I use EDN for simple things typically done at compile- or app start time, but recently migrated other runtime stuff to transit
it is able to exploit structural sharing as well
the main disadvantage IMO is that I kept writing the same pattern around a writer in JVM-land over and over again
I wonder how many times we’ve done this collectively, heh
fyi .toString
is str
the disadvantage is coordinating access if you use threads at all
I guess you skip the allocation cost?
but in a local scope you can reuse one for sure
I’d reuse in a let where it never escapes scope or enters another thread
eg. if you might have multiple transit messages coming on one stream and you are looping
which would make sense with eg. a websocket or kafka
@mkeathley one of the key reasons for Transit is that it's much faster than EDN, especially in CLJs.
And EDN really only has parsers for .NET, JVM and JS. The EDN readers in Python/Ruby are super buggy. But Cognitect maintains readers/writers for Transit on JS, Java, Clojure, CLJS, Python and Ruby. And transit libs exist for other platforms as well.
I haven't heard about anything like that from Cognitect, but the format is out there, and if you have a JSON parser for a platform, writing a transit impl probably takes 10-16 hours of dev work.
That was also a goal of Transit, make it simple to implement on new platforms.

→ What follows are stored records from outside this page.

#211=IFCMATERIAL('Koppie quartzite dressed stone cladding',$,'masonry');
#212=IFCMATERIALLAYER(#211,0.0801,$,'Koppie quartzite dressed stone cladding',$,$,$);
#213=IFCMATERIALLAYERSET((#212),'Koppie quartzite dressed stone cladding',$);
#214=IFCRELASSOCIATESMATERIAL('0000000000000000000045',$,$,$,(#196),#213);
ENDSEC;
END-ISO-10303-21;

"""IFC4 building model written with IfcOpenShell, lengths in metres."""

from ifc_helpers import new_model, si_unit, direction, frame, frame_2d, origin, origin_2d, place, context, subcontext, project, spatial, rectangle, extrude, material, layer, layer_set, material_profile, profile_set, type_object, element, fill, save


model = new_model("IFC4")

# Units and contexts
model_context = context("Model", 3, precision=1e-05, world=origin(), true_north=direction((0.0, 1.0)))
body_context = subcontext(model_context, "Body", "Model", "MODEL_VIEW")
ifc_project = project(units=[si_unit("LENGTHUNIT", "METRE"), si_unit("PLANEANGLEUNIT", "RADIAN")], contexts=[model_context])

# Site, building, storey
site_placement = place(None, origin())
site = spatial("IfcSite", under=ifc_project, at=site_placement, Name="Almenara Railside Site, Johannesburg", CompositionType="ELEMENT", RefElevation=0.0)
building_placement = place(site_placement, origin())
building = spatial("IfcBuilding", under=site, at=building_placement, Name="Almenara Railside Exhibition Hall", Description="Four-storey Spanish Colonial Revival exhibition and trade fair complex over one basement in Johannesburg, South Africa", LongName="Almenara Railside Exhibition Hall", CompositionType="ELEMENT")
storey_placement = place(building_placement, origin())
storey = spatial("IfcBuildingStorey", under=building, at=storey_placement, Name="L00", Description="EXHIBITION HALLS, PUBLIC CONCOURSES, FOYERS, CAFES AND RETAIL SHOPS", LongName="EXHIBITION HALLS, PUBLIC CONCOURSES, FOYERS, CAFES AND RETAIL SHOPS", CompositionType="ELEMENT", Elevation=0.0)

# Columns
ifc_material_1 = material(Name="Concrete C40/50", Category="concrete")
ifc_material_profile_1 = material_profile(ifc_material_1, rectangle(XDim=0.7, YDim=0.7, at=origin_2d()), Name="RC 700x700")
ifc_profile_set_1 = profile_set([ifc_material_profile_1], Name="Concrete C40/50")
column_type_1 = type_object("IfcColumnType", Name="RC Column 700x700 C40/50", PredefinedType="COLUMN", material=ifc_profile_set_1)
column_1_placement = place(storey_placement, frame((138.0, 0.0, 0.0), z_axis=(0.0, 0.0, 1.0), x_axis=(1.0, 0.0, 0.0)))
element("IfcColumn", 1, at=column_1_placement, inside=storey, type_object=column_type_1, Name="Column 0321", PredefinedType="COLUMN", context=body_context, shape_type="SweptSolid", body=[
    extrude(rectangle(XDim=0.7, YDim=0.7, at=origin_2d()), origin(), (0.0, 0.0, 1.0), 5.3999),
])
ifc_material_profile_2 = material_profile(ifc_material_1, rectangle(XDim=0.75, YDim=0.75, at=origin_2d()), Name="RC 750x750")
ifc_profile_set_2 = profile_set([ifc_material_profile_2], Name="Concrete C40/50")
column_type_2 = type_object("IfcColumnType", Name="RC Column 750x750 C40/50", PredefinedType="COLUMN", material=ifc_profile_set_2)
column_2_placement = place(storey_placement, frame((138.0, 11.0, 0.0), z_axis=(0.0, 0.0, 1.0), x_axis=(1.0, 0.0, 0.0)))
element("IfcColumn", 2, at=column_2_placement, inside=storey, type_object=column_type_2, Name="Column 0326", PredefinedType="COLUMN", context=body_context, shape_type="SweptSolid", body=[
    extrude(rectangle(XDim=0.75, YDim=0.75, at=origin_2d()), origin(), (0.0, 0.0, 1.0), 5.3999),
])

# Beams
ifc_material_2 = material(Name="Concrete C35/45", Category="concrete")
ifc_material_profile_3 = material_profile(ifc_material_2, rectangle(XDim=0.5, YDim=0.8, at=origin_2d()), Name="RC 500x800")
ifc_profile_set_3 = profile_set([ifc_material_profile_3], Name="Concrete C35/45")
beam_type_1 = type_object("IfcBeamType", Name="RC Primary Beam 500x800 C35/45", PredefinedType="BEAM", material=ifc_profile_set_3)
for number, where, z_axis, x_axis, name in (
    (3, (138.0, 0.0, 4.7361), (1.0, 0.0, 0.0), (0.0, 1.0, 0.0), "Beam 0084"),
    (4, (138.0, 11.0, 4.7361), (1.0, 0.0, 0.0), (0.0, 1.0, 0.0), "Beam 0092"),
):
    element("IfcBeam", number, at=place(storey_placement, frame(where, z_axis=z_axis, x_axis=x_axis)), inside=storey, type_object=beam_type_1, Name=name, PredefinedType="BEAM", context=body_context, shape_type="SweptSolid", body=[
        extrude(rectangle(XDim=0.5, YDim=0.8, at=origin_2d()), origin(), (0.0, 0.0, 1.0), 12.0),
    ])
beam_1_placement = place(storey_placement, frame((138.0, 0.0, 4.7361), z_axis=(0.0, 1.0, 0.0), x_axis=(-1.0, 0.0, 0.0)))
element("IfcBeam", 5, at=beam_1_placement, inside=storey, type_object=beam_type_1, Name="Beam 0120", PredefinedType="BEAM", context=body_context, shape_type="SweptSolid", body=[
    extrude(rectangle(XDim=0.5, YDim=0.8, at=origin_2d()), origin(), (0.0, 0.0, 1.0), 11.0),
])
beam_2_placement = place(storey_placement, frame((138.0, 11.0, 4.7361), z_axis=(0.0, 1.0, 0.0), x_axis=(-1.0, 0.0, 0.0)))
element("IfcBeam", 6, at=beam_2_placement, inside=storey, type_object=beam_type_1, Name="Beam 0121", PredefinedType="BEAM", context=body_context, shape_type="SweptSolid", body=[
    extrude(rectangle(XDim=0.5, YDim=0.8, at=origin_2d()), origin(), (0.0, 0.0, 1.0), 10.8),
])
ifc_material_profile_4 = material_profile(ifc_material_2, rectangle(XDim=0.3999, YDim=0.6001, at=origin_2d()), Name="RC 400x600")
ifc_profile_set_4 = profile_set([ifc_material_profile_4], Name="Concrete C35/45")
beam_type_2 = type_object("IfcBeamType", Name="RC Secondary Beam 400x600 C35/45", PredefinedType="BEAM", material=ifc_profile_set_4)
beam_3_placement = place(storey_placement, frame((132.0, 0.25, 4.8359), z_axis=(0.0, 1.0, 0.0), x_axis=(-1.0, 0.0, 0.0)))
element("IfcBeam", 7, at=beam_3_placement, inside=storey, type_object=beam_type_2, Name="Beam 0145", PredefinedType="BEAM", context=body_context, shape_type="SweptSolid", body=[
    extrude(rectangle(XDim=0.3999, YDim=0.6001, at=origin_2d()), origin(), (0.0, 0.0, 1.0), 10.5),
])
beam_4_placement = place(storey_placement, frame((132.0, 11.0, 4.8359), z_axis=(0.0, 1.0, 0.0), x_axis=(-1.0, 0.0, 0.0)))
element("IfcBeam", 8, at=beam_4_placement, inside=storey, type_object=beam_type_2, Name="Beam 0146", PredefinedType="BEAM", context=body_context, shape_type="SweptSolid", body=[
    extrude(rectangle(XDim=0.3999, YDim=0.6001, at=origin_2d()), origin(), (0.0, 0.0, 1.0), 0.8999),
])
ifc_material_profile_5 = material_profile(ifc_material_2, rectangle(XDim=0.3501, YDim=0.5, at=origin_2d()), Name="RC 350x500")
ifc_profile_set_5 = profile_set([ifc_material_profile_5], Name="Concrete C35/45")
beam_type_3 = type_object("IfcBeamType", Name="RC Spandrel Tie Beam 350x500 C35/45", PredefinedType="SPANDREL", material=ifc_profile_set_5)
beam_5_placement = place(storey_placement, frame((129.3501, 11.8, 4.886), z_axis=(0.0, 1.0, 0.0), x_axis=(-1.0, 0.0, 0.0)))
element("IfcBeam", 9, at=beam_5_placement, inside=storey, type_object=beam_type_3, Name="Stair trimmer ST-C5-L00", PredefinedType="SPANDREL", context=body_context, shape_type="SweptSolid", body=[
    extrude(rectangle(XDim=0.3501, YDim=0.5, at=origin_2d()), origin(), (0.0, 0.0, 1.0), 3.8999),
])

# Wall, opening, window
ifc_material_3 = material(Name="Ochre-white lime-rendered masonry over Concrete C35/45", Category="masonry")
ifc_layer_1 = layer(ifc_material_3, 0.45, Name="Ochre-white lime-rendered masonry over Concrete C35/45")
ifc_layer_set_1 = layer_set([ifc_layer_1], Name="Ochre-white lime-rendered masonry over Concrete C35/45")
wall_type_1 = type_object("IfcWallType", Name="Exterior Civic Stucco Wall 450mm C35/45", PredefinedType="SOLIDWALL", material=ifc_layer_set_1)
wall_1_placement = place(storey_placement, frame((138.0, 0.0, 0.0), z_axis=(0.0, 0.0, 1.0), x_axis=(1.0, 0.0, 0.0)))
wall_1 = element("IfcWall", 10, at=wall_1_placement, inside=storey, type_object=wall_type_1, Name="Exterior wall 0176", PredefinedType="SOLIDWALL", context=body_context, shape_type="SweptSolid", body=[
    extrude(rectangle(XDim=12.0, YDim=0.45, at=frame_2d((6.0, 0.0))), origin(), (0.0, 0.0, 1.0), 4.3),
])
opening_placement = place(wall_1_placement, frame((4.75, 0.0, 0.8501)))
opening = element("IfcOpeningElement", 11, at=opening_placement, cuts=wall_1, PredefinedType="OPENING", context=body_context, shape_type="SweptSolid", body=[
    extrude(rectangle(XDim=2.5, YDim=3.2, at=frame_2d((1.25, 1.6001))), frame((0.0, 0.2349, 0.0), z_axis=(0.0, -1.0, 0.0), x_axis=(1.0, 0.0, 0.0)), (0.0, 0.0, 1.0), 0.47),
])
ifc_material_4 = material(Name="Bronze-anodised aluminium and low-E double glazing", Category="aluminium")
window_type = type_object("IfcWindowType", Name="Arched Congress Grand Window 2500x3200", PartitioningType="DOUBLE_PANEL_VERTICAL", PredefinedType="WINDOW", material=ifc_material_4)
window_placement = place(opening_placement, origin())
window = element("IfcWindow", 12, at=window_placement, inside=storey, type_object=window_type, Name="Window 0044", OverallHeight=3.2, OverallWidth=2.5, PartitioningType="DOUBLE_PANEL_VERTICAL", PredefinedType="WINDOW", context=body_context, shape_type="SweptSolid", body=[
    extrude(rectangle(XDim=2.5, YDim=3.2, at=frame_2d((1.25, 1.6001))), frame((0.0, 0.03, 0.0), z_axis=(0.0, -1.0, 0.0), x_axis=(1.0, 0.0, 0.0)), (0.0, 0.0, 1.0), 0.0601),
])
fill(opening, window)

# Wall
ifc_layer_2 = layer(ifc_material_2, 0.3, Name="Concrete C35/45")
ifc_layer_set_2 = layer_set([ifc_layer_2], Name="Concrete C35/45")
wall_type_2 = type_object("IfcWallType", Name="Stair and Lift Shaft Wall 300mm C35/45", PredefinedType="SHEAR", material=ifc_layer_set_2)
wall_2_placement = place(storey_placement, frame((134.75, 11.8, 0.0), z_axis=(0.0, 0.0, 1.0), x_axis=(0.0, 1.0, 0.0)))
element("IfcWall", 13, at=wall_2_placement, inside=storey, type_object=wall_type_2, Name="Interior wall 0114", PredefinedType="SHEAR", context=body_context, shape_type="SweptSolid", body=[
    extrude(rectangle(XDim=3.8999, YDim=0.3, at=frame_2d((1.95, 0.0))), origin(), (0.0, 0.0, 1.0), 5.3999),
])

thanks @tbaldridge that makes sense
hey, vim supports json now, I bet I could make a vim transit plugin
hi folks, I'm trying to get ring/piped-input-stream to actually stream text when i call .write
like this:
(response/response
(ring-io/piped-input-stream
#(let [w (io/make-writer % {:encoding "UTF-8"})]
(.write w "start\n" 0 4)
(Thread/sleep 1000)
(.write w "done\n")
(.flush w))))
which waits a full second and then prints
start
done
so it appears not to be streamingstreams created by http://clojure.java.io tend to be buffered
@hiredman hmm and wrapping this in a middleware that flushed the stream returned from piped-input-stream seems not to work either
e.g. if your data is smaller that some number of k, jetty won't send it until the stream is closed
the latest ring release has some support for async responses, I am not sure how that works with all the buffers, you might try that
and Pedestal...
But I agree with @hiredman ring doesn't handle streaming data very well, and doesn't handle async at all.

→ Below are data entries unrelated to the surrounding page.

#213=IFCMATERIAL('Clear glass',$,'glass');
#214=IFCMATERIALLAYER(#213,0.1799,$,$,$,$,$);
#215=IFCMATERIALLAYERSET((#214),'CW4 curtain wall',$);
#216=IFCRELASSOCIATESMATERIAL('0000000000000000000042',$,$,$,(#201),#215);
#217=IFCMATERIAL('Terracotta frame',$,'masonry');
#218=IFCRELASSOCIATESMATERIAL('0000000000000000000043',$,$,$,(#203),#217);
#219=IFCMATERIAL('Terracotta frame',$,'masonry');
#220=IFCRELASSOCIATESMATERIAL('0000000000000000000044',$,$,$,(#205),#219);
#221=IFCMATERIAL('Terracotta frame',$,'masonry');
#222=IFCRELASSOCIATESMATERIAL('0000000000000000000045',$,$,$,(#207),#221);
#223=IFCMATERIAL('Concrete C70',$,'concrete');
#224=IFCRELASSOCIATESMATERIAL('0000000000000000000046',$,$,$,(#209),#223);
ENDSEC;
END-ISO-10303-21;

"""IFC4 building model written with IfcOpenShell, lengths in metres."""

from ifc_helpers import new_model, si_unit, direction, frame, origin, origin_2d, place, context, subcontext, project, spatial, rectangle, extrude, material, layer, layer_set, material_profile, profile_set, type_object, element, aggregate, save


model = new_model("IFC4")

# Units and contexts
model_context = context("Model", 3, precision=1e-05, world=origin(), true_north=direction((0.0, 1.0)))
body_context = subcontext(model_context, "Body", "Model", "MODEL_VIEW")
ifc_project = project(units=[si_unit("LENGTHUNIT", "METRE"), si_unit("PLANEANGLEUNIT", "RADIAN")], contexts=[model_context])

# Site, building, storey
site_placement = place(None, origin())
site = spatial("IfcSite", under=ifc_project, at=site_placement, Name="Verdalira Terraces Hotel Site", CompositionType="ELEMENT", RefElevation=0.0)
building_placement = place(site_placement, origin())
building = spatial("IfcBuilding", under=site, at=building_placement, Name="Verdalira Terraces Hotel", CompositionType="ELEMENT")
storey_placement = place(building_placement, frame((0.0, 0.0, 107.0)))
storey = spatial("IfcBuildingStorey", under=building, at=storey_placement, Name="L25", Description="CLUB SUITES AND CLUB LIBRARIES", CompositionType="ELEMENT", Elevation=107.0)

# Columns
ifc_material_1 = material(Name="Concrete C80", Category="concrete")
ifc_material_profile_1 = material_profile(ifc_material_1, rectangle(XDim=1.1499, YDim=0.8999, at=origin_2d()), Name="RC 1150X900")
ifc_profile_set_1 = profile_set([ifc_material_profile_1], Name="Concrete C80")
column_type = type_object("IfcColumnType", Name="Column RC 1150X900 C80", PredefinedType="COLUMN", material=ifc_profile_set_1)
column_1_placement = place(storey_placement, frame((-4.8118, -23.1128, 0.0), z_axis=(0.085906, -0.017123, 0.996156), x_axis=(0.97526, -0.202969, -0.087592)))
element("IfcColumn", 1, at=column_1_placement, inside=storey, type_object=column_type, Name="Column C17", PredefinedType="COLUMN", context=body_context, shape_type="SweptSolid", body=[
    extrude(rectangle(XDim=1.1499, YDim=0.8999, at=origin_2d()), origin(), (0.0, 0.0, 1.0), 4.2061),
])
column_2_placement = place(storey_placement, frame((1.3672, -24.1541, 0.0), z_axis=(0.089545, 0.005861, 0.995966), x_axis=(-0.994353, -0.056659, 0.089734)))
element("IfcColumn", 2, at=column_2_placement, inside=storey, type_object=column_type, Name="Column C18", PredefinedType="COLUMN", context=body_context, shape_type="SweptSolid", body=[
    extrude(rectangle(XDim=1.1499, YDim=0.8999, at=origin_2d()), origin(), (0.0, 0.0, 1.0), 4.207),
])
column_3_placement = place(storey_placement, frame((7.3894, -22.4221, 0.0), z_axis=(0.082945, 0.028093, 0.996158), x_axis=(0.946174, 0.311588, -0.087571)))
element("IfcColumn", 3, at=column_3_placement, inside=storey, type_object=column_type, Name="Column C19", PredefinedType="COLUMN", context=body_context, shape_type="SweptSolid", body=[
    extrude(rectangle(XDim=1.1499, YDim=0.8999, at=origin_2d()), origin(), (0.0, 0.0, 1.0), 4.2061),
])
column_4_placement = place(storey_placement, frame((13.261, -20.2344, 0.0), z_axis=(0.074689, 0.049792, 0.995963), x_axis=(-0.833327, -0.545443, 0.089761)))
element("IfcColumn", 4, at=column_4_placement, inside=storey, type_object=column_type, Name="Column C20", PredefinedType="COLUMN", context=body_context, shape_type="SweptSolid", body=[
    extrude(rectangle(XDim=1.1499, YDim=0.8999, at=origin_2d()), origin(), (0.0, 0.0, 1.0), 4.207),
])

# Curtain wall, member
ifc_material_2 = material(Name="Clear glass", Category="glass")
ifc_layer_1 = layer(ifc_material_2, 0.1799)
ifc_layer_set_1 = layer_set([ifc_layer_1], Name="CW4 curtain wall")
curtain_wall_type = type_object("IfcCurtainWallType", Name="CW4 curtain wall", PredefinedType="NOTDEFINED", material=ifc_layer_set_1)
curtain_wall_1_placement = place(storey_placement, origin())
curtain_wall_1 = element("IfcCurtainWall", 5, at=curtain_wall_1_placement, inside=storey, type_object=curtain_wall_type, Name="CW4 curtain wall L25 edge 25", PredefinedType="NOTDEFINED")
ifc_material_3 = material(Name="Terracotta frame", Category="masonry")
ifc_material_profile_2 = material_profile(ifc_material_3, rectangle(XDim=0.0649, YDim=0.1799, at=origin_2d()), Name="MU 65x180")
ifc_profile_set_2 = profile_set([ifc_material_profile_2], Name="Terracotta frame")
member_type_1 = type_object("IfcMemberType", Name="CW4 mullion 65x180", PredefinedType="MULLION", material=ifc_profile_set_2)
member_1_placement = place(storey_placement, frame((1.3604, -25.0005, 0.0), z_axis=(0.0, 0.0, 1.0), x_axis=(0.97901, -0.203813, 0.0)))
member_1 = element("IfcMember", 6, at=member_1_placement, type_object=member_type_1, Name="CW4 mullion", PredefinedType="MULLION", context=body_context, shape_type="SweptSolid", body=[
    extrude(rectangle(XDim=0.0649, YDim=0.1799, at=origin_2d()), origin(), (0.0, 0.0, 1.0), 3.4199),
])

Immutant also has support for streaming on top of Ring
@tbaldridge As @hiredman just pointed out, apparently there is async support now in the latest Ring, though!
Yeah, but to be fair it's new, and it's basically callbacks chained together. While other solutions have been around for years.

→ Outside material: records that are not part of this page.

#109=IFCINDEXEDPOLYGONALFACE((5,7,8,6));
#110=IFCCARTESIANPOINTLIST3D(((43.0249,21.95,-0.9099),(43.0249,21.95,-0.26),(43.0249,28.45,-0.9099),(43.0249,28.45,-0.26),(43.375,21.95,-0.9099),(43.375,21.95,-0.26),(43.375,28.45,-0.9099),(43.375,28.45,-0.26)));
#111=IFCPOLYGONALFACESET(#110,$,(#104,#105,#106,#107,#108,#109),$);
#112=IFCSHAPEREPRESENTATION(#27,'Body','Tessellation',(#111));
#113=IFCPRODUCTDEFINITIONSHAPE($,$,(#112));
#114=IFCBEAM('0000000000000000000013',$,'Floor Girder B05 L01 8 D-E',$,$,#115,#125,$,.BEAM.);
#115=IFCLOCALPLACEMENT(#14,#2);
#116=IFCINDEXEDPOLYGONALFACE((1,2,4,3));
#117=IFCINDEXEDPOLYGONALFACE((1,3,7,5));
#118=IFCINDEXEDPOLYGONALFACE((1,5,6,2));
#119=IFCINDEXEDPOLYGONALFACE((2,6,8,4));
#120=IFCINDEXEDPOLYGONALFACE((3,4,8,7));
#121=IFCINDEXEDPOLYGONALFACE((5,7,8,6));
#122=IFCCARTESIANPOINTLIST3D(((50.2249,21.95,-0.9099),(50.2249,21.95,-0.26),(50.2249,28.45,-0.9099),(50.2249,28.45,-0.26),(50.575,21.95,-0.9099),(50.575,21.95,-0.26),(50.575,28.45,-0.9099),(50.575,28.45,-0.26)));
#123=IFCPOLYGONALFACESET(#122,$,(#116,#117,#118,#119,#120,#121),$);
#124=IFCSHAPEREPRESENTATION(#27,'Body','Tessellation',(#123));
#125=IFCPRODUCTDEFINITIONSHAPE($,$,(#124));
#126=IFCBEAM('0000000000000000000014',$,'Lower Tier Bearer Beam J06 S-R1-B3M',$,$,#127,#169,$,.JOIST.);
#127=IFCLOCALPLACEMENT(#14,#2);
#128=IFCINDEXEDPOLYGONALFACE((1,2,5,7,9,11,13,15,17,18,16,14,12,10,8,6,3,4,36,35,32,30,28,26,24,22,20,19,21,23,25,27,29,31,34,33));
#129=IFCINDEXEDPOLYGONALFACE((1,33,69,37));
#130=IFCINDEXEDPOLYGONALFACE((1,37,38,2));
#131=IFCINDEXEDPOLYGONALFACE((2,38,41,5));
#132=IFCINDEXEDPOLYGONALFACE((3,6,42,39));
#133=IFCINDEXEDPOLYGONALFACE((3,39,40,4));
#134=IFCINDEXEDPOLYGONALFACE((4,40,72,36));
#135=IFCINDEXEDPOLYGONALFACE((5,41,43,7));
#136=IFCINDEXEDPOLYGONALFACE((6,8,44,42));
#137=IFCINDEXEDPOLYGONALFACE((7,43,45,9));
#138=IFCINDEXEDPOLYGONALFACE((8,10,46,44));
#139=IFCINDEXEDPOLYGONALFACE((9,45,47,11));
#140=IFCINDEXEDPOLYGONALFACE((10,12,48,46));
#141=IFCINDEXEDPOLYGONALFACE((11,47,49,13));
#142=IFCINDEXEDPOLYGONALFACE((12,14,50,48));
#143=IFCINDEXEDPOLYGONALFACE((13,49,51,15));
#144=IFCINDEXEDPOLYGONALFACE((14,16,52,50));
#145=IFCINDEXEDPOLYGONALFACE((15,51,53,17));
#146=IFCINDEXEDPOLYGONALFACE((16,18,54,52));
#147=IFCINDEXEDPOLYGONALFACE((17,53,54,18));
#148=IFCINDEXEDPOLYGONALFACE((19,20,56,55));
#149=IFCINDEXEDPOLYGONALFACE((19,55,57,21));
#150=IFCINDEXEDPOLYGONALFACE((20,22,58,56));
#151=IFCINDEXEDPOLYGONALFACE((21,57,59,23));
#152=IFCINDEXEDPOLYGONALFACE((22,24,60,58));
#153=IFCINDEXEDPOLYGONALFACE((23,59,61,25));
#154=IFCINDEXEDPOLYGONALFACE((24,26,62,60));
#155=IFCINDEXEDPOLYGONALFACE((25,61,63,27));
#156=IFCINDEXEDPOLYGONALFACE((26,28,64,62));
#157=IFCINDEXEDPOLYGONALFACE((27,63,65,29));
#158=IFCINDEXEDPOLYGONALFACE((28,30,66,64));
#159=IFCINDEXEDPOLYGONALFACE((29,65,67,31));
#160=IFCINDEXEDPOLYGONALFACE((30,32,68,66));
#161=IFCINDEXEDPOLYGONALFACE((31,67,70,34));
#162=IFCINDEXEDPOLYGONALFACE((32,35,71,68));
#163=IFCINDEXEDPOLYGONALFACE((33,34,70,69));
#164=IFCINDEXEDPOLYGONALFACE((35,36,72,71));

And the way it's designed you have to write your middleware twice, or support two calling conventions 😐
Yeah, certainly not the most recommendable option as of yet 🙂
I see, that's too bad 😞
Pedestal was designed from the ground up with async in mind, so if you require a lot of asynchronous I/O that might be worth taking a look at.
Ring 1.6.0 supports asynchronous handlers, but not non-blocking I/O. However, it’s easier to go from a simple synchronous design to a performant asynchronous one with Ring.
Ring asynchronous handlers are made to be backward compatible, so you can transition when necessary.